TEMPE, Ariz. -- Just after 10 a.m. Saturday, Carlos Balsas, 41, was in line to enter Independence National Historical Park in Philadelphia.

Hundreds come to see the Liberty Bell, and everyone must go through security screening inside the Visitor's Center. The park's chief ranger said that is where Balsas' problems began.

"The individual was compliant on one bag and then refused to let the screener take a look at his second bag, and at that time had made a comment to the screener that stated he had an explosive in the bag," Chief Ranger Patrick Suddath said.

The suspect left the building but security caught him moments later.

"He was not compliant," Suddath said. "They took him into custody and at that point the Philadelphia bomb squad was summoned."

The squad looked through both of Balsas' black backpacks but did not find any explosives.

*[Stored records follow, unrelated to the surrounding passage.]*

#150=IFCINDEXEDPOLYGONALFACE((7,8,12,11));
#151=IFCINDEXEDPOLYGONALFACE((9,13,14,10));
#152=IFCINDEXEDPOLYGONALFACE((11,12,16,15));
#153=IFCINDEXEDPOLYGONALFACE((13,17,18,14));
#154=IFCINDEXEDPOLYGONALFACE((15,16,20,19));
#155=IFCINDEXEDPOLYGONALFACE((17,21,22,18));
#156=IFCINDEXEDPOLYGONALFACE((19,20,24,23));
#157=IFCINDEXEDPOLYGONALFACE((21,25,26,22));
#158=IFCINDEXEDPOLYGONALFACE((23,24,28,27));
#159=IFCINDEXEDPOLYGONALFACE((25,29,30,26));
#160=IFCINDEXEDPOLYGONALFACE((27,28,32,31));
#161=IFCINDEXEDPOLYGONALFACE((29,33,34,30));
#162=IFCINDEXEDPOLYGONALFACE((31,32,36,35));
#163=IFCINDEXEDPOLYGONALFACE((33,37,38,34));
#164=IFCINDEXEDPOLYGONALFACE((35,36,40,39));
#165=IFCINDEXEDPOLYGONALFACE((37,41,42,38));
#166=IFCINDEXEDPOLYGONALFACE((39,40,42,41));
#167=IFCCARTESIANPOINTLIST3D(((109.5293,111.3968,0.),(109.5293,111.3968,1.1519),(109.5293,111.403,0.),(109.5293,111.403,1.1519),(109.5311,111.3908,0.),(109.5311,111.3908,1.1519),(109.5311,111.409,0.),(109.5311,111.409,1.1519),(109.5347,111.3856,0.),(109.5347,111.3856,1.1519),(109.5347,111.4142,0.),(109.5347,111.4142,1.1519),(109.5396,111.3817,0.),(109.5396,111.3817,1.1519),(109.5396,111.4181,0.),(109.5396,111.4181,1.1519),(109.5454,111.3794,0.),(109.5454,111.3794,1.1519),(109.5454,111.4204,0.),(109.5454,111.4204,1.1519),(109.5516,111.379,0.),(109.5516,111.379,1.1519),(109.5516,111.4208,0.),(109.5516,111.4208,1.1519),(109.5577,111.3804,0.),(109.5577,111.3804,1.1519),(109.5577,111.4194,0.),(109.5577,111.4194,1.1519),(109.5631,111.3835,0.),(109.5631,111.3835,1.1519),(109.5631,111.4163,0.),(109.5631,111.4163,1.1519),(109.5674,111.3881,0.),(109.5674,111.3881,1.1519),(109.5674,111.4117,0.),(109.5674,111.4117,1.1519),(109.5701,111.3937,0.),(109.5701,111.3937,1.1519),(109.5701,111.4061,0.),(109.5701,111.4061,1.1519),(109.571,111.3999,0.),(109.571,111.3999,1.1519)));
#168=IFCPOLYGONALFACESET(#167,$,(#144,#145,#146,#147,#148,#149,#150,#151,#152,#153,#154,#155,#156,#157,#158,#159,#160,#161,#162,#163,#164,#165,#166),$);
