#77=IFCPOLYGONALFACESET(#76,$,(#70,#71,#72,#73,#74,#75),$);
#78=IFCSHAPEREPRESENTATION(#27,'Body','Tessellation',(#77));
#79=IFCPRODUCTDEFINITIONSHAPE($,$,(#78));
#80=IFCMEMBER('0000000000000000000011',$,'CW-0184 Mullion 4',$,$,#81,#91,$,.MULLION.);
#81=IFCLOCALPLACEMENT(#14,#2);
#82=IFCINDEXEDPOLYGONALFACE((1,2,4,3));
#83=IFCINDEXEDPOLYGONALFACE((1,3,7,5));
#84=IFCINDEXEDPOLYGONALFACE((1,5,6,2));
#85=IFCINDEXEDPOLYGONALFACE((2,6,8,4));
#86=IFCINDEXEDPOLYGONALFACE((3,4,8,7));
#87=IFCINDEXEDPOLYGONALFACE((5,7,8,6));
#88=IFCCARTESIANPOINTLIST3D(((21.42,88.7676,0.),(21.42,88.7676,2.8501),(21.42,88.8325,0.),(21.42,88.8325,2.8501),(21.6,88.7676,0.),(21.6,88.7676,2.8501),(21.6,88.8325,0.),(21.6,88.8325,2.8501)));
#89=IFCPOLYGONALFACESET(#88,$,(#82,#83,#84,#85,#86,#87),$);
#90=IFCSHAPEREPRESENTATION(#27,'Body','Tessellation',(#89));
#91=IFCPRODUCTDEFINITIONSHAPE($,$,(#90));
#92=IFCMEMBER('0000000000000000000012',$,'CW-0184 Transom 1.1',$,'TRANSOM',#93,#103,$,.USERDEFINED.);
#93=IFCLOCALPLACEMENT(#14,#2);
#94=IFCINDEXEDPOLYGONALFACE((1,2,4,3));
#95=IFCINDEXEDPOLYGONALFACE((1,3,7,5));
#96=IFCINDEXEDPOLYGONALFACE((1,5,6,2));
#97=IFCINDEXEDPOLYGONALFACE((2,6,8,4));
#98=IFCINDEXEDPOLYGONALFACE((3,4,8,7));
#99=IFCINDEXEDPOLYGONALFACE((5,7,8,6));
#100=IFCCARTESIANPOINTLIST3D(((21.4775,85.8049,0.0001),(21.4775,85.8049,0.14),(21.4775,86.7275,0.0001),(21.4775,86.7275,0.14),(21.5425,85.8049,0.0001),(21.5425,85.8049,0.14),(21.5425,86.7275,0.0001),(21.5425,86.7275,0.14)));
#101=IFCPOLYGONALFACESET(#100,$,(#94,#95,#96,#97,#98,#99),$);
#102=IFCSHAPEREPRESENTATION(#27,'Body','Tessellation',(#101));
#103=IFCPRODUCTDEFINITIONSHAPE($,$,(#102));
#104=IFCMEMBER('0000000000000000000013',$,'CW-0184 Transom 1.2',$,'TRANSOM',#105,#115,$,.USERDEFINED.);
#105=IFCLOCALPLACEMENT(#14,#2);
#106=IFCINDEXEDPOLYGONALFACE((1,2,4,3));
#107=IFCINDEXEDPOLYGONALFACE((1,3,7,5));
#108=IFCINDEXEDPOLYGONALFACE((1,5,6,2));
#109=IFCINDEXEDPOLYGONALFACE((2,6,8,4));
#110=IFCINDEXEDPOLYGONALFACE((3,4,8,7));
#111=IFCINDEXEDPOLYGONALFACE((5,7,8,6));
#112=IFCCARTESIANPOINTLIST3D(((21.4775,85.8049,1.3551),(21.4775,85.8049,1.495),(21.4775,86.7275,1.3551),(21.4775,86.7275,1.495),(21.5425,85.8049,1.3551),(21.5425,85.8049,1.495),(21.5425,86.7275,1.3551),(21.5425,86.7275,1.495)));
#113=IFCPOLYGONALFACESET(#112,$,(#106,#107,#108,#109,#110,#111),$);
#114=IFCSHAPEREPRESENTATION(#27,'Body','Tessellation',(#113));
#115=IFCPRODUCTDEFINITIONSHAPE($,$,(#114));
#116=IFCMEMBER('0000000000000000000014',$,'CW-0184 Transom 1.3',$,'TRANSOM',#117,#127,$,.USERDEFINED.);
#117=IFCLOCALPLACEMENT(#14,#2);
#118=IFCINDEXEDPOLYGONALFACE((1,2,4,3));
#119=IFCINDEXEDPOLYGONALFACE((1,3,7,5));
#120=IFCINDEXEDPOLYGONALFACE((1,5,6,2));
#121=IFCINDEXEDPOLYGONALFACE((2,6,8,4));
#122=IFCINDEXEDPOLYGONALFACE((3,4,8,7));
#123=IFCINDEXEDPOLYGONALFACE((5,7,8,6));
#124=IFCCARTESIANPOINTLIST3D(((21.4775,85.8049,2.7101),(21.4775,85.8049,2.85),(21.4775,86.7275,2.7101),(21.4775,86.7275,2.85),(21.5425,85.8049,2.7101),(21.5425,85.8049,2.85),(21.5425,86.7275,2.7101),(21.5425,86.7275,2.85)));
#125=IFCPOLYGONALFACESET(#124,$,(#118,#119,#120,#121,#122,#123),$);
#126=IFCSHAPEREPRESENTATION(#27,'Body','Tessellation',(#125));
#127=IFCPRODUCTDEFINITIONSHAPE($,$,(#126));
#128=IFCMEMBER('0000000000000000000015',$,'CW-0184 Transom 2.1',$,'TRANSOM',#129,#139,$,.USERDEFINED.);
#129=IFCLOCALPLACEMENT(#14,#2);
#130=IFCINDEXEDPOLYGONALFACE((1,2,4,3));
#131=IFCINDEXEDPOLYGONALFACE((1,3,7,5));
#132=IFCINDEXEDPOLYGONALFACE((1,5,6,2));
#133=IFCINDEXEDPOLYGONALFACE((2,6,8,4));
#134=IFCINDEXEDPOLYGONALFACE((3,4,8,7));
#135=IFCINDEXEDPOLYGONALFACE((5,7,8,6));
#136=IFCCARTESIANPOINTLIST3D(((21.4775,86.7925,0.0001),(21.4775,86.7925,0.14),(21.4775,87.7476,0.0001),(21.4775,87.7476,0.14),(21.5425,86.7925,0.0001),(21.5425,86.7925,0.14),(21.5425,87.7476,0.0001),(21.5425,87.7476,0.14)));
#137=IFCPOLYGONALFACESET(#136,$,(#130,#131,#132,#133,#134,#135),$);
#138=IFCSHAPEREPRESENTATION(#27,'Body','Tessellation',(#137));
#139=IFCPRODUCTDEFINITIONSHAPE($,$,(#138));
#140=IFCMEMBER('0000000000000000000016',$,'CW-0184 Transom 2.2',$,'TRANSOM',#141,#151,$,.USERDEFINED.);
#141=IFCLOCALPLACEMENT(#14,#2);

The strangeness of the seemingly empty threat is compounded by Balsas' recent personal setback. On Jan. 14, a Maricopa County judge denied his appeal for a promotion at Arizona State University.

Balsas started as an assistant professor of urban planning in 2004. He applied for tenure in 2009, but 17 members of his school's committee voted not to recommend him. His application continued up the ranks, but each of the next three committees voted against his promotion. Two weeks ago, Balsas lost his appeal of the decision.

No doubt investigators will now look into whether or not that played any role in his alleged crime.